- Title: Associate Professor

Academic background
- Alma mater: University of Michigan (B.S.) and University of California, Berkeley (PhD)
- Thesis: A Multi-Proxy Speleothem Record of Asian Monsoon Variability during the Late Pleistocene from Wanxiang Cave, Gansu Province, China (2004)
- Doctoral advisor: Lynn Ingram

Academic work
- Discipline: Geology, Paleoclimatology, Cave Science, Earth Science
- Institutions: University of California, Irvine
- Website: sites.uci.edu/johnsonlab/kathleen-johnson/

= Kathleen R. Johnson =

Native American geoscientist

Kathleen R. Johnson is an American member of the Grand Traverse Band of Ottawa and Chippewa Indians who is a geologist and paleoclimatologist. Her research focuses on reconstructing past climate change with speleothems, on active cave monitoring to understand the interaction of climate with speleotherm geochemistry, and analyzes climate and paleoclimate data to investigate natural climate variability. She earned a PhD from the University of California Berkeley in 2004 and is an associate professor at the University of California Irvine.

== Education ==
Johnson earned her PhD in Geology from University of California, Berkeley with Lynn Ingram in 2004. She received her BS in Geological Sciences from the University of Michigan in 1992. After earning her PhD she was a post-doctoral research fellow at the University of Oxford from 2004-2007 with a Gary Comer Abrupt Climate Change Fellowship.

== Career ==
Johnson joined the faculty of the University of California Irvine in 2007, and is a tenured Associate Professor in the School of Physical Sciences. She leads the Johnson Lab in the Department of Earth System Science, with a focus on paleoclimate research. She is an expert in paleoclimate and hydrology, with research on the history of California droughts, Asian monsoons, and northern Mexico.

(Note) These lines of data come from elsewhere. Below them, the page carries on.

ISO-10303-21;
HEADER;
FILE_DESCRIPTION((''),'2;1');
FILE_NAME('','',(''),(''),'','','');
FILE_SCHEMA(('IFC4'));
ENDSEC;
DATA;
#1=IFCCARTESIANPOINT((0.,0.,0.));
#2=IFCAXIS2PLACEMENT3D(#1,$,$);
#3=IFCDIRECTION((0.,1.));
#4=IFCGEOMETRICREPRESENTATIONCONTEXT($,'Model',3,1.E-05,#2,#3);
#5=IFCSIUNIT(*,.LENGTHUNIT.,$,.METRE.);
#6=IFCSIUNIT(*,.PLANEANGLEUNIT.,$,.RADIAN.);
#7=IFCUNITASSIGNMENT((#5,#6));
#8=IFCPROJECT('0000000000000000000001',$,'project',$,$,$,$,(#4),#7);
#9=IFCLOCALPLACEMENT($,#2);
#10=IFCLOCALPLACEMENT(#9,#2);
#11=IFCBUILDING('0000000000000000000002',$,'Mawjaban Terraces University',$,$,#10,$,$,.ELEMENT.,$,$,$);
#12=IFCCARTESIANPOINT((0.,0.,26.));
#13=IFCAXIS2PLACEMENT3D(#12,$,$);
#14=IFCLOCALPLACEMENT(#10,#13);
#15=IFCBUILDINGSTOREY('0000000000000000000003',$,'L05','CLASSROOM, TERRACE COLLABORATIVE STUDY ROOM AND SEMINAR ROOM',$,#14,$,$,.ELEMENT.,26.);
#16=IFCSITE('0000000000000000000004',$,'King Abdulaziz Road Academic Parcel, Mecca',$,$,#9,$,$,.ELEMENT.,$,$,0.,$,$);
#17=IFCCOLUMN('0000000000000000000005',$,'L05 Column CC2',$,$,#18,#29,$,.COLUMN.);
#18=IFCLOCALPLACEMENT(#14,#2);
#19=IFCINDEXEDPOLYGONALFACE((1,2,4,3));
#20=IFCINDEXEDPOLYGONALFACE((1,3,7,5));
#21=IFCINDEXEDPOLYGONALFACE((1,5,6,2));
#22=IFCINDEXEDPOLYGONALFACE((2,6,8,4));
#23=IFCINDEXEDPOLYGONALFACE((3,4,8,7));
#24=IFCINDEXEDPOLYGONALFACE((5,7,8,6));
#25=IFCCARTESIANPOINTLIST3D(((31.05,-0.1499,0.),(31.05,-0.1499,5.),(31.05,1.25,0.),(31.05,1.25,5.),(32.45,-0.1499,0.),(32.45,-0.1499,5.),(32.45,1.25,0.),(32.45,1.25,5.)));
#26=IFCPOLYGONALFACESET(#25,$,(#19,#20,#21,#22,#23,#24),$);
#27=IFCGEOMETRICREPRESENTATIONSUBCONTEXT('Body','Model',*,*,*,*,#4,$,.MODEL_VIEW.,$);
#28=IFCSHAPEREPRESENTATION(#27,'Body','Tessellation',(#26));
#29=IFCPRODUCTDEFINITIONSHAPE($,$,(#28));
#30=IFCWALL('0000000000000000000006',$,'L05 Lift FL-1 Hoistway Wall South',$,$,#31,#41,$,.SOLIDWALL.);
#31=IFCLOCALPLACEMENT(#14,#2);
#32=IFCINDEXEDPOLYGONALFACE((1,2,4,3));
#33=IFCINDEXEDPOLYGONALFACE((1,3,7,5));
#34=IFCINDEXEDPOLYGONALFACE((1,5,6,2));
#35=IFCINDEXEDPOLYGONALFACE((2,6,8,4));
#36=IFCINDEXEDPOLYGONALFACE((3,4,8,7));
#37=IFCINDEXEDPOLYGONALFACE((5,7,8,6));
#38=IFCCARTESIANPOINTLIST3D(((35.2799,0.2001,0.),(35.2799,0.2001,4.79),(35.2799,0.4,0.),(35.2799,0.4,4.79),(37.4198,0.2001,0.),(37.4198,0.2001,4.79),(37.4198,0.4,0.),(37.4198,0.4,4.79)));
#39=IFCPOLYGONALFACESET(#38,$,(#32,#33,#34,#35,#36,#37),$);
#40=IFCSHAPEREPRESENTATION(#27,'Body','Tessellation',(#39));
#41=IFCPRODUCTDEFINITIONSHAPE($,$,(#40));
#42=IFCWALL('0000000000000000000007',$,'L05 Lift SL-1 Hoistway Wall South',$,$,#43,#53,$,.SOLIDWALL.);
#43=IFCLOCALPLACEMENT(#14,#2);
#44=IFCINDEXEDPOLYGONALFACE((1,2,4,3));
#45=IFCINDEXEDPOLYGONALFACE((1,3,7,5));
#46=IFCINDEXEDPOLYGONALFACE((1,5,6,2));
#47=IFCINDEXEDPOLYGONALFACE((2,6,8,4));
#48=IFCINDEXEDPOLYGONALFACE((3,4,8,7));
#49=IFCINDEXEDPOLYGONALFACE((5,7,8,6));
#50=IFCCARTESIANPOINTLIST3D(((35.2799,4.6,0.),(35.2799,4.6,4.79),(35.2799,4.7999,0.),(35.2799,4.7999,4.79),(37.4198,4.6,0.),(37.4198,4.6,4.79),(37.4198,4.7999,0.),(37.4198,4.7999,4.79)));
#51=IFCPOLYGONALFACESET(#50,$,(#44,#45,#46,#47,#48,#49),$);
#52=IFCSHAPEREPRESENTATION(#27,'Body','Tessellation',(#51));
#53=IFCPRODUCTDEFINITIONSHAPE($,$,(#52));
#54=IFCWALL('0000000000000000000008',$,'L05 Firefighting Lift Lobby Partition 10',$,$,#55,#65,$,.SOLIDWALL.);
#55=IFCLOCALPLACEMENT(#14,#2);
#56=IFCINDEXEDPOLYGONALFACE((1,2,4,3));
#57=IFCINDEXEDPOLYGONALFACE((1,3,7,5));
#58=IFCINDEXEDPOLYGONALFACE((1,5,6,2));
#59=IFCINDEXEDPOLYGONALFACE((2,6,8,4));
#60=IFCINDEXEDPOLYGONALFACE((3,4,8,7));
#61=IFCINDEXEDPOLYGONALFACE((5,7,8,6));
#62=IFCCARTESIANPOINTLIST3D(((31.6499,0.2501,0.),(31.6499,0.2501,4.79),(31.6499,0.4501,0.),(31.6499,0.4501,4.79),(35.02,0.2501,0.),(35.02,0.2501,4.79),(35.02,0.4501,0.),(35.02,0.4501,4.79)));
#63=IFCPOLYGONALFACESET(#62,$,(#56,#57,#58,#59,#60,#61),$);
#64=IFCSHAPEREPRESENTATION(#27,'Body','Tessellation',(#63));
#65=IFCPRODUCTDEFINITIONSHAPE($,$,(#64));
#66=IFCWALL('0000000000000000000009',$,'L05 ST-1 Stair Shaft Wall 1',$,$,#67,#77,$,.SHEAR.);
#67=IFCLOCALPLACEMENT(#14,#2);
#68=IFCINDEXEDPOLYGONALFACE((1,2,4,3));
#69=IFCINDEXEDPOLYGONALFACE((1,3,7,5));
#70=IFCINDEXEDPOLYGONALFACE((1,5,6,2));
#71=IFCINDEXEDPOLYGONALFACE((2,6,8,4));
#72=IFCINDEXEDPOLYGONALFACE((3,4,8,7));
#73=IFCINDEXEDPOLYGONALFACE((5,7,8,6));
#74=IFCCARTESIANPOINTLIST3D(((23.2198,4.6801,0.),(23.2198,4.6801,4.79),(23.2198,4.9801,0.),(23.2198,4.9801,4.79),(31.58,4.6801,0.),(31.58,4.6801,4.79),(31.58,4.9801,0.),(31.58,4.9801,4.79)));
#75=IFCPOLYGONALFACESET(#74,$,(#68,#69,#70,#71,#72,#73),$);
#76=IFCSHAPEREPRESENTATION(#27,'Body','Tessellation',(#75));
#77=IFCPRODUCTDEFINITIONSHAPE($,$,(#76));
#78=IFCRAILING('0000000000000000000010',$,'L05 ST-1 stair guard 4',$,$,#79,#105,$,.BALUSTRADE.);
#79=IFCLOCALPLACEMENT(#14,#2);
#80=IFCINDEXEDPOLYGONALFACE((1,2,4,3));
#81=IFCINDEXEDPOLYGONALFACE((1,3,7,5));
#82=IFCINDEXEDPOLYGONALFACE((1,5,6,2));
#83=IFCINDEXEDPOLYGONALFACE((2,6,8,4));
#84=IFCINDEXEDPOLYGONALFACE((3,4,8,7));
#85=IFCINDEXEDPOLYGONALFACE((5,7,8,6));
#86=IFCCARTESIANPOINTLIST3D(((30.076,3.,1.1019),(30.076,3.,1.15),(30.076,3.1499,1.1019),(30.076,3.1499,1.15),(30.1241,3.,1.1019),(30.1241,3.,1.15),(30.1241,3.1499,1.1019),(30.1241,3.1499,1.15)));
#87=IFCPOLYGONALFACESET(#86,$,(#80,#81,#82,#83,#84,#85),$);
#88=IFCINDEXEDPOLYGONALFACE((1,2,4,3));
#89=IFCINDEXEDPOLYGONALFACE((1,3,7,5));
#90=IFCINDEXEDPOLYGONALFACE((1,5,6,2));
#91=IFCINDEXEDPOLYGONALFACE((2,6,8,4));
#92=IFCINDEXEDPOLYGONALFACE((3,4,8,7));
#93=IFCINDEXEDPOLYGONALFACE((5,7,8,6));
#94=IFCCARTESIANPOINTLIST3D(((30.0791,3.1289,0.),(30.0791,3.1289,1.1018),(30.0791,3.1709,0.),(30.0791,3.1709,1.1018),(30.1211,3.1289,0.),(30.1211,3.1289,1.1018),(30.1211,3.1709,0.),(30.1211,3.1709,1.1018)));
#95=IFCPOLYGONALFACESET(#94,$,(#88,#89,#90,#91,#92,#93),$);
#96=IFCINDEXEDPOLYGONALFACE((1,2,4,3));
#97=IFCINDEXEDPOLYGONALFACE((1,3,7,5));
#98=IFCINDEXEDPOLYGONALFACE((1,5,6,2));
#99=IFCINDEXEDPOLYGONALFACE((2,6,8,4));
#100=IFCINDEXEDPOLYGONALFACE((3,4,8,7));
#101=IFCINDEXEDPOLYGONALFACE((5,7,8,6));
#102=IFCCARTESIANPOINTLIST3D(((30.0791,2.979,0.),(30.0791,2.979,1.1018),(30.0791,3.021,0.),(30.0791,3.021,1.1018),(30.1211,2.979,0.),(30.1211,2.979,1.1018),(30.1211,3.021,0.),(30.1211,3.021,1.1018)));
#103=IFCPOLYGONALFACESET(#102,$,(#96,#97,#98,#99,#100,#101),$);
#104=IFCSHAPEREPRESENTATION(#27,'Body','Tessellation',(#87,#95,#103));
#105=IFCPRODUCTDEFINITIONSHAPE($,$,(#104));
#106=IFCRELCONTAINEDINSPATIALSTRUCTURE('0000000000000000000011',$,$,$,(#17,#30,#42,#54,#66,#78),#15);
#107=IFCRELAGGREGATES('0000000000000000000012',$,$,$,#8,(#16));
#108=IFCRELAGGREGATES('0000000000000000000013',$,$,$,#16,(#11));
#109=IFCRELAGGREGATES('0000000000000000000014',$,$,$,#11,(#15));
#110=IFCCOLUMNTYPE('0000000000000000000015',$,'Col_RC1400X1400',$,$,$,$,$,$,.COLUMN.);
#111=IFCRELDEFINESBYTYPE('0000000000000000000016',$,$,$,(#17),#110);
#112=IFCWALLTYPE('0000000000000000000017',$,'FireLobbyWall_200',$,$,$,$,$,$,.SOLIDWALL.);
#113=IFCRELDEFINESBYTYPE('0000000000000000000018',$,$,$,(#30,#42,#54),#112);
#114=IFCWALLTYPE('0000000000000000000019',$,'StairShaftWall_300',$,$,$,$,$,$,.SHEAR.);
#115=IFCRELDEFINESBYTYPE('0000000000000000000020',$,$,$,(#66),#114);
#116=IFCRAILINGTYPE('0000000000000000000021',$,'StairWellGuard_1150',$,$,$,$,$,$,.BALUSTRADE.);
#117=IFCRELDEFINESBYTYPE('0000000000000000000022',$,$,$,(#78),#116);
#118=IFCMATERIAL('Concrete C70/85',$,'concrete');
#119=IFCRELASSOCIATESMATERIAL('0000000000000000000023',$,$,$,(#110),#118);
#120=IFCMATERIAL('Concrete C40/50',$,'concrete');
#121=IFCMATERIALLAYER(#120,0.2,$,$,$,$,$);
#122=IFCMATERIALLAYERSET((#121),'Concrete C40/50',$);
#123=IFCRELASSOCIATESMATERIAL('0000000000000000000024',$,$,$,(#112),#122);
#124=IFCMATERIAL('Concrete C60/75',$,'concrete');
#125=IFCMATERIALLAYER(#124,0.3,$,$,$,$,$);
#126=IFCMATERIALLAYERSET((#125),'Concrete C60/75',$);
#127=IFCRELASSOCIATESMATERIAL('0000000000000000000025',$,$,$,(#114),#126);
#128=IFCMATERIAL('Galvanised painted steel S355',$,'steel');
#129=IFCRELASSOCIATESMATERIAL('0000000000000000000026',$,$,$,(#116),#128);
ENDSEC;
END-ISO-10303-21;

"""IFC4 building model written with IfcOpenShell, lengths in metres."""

from ifc_helpers import new_model, si_unit, direction, frame, frame_2d, origin, origin_2d, place, context, subcontext, project, spatial, rectangle, extrude, material, layer, layer_set, material_profile, profile_set, type_object, element, save


model = new_model("IFC4")

# Units and contexts
model_context = context("Model", 3, precision=1e-05, world=origin(), true_north=direction((0.0, 1.0)))
body_context = subcontext(model_context, "Body", "Model", "MODEL_VIEW")
ifc_project = project(units=[si_unit("LENGTHUNIT", "METRE"), si_unit("PLANEANGLEUNIT", "RADIAN")], contexts=[model_context])

# Site, building, storey
site_placement = place(None, origin())
site = spatial("IfcSite", under=ifc_project, at=site_placement, Name="King Abdulaziz Road Academic Parcel, Mecca", CompositionType="ELEMENT", RefElevation=0.0)
building_placement = place(site_placement, origin())
building = spatial("IfcBuilding", under=site, at=building_placement, Name="Mawjaban Terraces University", CompositionType="ELEMENT")
storey_placement = place(building_placement, frame((0.0, 0.0, 26.0)))
storey = spatial("IfcBuildingStorey", under=building, at=storey_placement, Name="L05", Description="CLASSROOM, TERRACE COLLABORATIVE STUDY ROOM AND SEMINAR ROOM", CompositionType="ELEMENT", Elevation=26.0)

# Column
ifc_material_1 = material(Name="Concrete C70/85", Category="concrete")
ifc_material_profile = material_profile(ifc_material_1, rectangle(XDim=1.3999, YDim=1.3999, at=origin_2d()), Name="RC1400X1400")
ifc_profile_set = profile_set([ifc_material_profile], Name="Concrete C70/85")
column_type = type_object("IfcColumnType", Name="Col_RC1400X1400", PredefinedType="COLUMN", material=ifc_profile_set)
column_placement = place(storey_placement, frame((31.75, 0.55, 0.0), z_axis=(0.0, 0.0, 1.0), x_axis=(1.0, 0.0, 0.0)))
element("IfcColumn", 1, at=column_placement, inside=storey, type_object=column_type, Name="L05 Column CC2", PredefinedType="COLUMN", context=body_context, shape_type="SweptSolid", body=[
    extrude(rectangle(XDim=1.3999, YDim=1.3999, at=origin_2d()), origin(), (0.0, 0.0, 1.0), 5.0),
])

# Shared definitions
ifc_material_2 = material(Name="Concrete C40/50", Category="concrete")
ifc_layer_1 = layer(ifc_material_2, 0.2)
ifc_layer_set_1 = layer_set([ifc_layer_1], Name="Concrete C40/50")
wall_type_1 = type_object("IfcWallType", Name="FireLobbyWall_200", PredefinedType="SOLIDWALL", material=ifc_layer_set_1)

# Wall
wall_1_placement = place(storey_placement, frame((35.28, 0.3, 0.0), z_axis=(0.0, 0.0, 1.0), x_axis=(1.0, 0.0, 0.0)))
element("IfcWall", 2, at=wall_1_placement, inside=storey, type_object=wall_type_1, Name="L05 Lift FL-1 Hoistway Wall South", PredefinedType="SOLIDWALL", context=body_context, shape_type="SweptSolid", body=[
    extrude(rectangle(XDim=2.1399, YDim=0.2, at=frame_2d((1.0698, 0.0))), origin(), (0.0, 0.0, 1.0), 4.79),
])

# Walls
wall_2_placement = place(storey_placement, frame((35.28, 4.7, 0.0), z_axis=(0.0, 0.0, 1.0), x_axis=(1.0, 0.0, 0.0)))
element("IfcWall", 3, at=wall_2_placement, inside=storey, type_object=wall_type_1, Name="L05 Lift SL-1 Hoistway Wall South", PredefinedType="SOLIDWALL", context=body_context, shape_type="SweptSolid", body=[
    extrude(rectangle(XDim=2.1399, YDim=0.2, at=frame_2d((1.0698, 0.0))), origin(), (0.0, 0.0, 1.0), 4.79),
])
wall_3_placement = place(storey_placement, frame((31.6499, 0.3501, 0.0), z_axis=(0.0, 0.0, 1.0), x_axis=(1.0, 0.0, 0.0)))
element("IfcWall", 4, at=wall_3_placement, inside=storey, type_object=wall_type_1, Name="L05 Firefighting Lift Lobby Partition 10", PredefinedType="SOLIDWALL", context=body_context, shape_type="SweptSolid", body=[
    extrude(rectangle(XDim=3.3701, YDim=0.2, at=frame_2d((1.6851, 0.0))), origin(), (0.0, 0.0, 1.0), 4.79),
])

Dr. Kathleen R. Johnson's research focuses on using geochemical variations in speleothems (cave formations) to reconstruct past climate changes. She studies how temperature and rainfall influence isotopic and trace-element compositions in stalagmites, combining modern cave monitoring with fossil speleothem analysis. Her work aims to create high-resolution climate reconstructions from regions like Laos, Vietnam, and Mexico, helping to understand major climate systems like the Asian monsoon and El Niño-Southern Oscillation.

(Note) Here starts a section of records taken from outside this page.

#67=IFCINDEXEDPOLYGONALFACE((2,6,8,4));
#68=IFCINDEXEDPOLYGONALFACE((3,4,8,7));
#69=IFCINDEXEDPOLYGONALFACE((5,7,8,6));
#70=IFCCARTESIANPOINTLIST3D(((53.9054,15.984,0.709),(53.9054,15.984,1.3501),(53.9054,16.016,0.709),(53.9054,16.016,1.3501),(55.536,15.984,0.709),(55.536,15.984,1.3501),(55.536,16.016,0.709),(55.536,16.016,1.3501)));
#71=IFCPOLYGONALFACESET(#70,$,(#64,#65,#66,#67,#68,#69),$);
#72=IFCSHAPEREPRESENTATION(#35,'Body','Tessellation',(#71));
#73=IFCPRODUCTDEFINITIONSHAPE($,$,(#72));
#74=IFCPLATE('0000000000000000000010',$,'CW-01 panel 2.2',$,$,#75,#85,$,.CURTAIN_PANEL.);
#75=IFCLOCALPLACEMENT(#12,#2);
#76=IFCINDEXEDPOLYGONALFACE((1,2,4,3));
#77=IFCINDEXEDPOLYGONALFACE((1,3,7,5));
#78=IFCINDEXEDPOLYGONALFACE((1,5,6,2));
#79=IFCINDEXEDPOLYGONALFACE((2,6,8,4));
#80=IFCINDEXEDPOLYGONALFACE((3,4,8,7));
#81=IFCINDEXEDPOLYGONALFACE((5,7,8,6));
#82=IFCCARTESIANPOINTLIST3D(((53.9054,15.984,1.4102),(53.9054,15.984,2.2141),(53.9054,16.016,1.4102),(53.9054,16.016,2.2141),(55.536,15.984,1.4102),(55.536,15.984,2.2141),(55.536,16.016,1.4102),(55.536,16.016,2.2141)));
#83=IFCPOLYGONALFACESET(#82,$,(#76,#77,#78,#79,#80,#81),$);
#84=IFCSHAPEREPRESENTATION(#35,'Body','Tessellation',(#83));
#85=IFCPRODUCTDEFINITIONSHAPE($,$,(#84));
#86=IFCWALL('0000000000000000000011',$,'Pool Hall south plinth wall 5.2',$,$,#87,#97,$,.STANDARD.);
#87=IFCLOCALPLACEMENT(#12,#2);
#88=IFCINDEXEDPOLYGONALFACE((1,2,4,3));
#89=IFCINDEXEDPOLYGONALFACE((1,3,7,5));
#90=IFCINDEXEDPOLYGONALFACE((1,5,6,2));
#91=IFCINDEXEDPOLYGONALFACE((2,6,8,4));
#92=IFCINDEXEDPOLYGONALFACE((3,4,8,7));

Johnson advocates for more Native American students to have careers in STEM, particularly geoscience, to address environmental challenges. Johnson was the Principal Investigator and director of the American Indian Summer Institute in Earth System Science, a residential summer program for high school students hosted at UC Irvine. The program was established in 2011 by Johnson and the American Indian Resource Program staff at UC Irvine with grant funding of more than $1M from the US National Science Foundation before ending in 2017. In 2016, the program had 129 participants from over 50 tribes. During the 2016 Bromery Award ceremony, she said: "...Native Americans are the most underrepresented of all ethnic minorities in the earth sciences....while I strongly value and love my paleoclimate and geochemistry research, I can truly say that it is my work with Native youth that has provided me with the most joy and hope for the future of our planet."

== Awards and honors ==

- Outstanding Contributions to Undergraduate Education, School of Physical Sciences, University of California Irvine, 2010 and 2012
- Chancellor’s Award for Excellence in Fostering Undergraduate Research, University of California Irvine, 2013
- Geological Society of America Bromery Award for Minorities, 2016
- Fellow of the Geological Society of America
- 2018-2019 UCI Inclusive Excellence Spirit Award for “UCI Natural Reserves and Building Relationships with Native Nations as Kuuyam (guests) on Indigenous Homelands.”
- College-Level Promotion of Education Award, 2018 Women of Color in STEM Conference, Career Communications Group, Inc.
- 2017-2018 UCI Inclusive Excellence Spirit Award for “Cultivating Consciousness in Acjachemen and Tongva Homelands”
- 2016 Bromery Award for Minorities, Geological Society of America (Sept. 25th, 2016)
- Chancellor’s Award for Excellence in Fostering Undergraduate Research, University of California, Irvine. (May 18, 2013).
- Gary Comer Abrupt Climate Change Foundation Fellowship. (August 2004 - June 2007).
- Graduate Student Research Grant, Geological Society of America. (2002).
- Scholarship in Geochronology, Berkeley Geochronology Center. (1999 - 2002).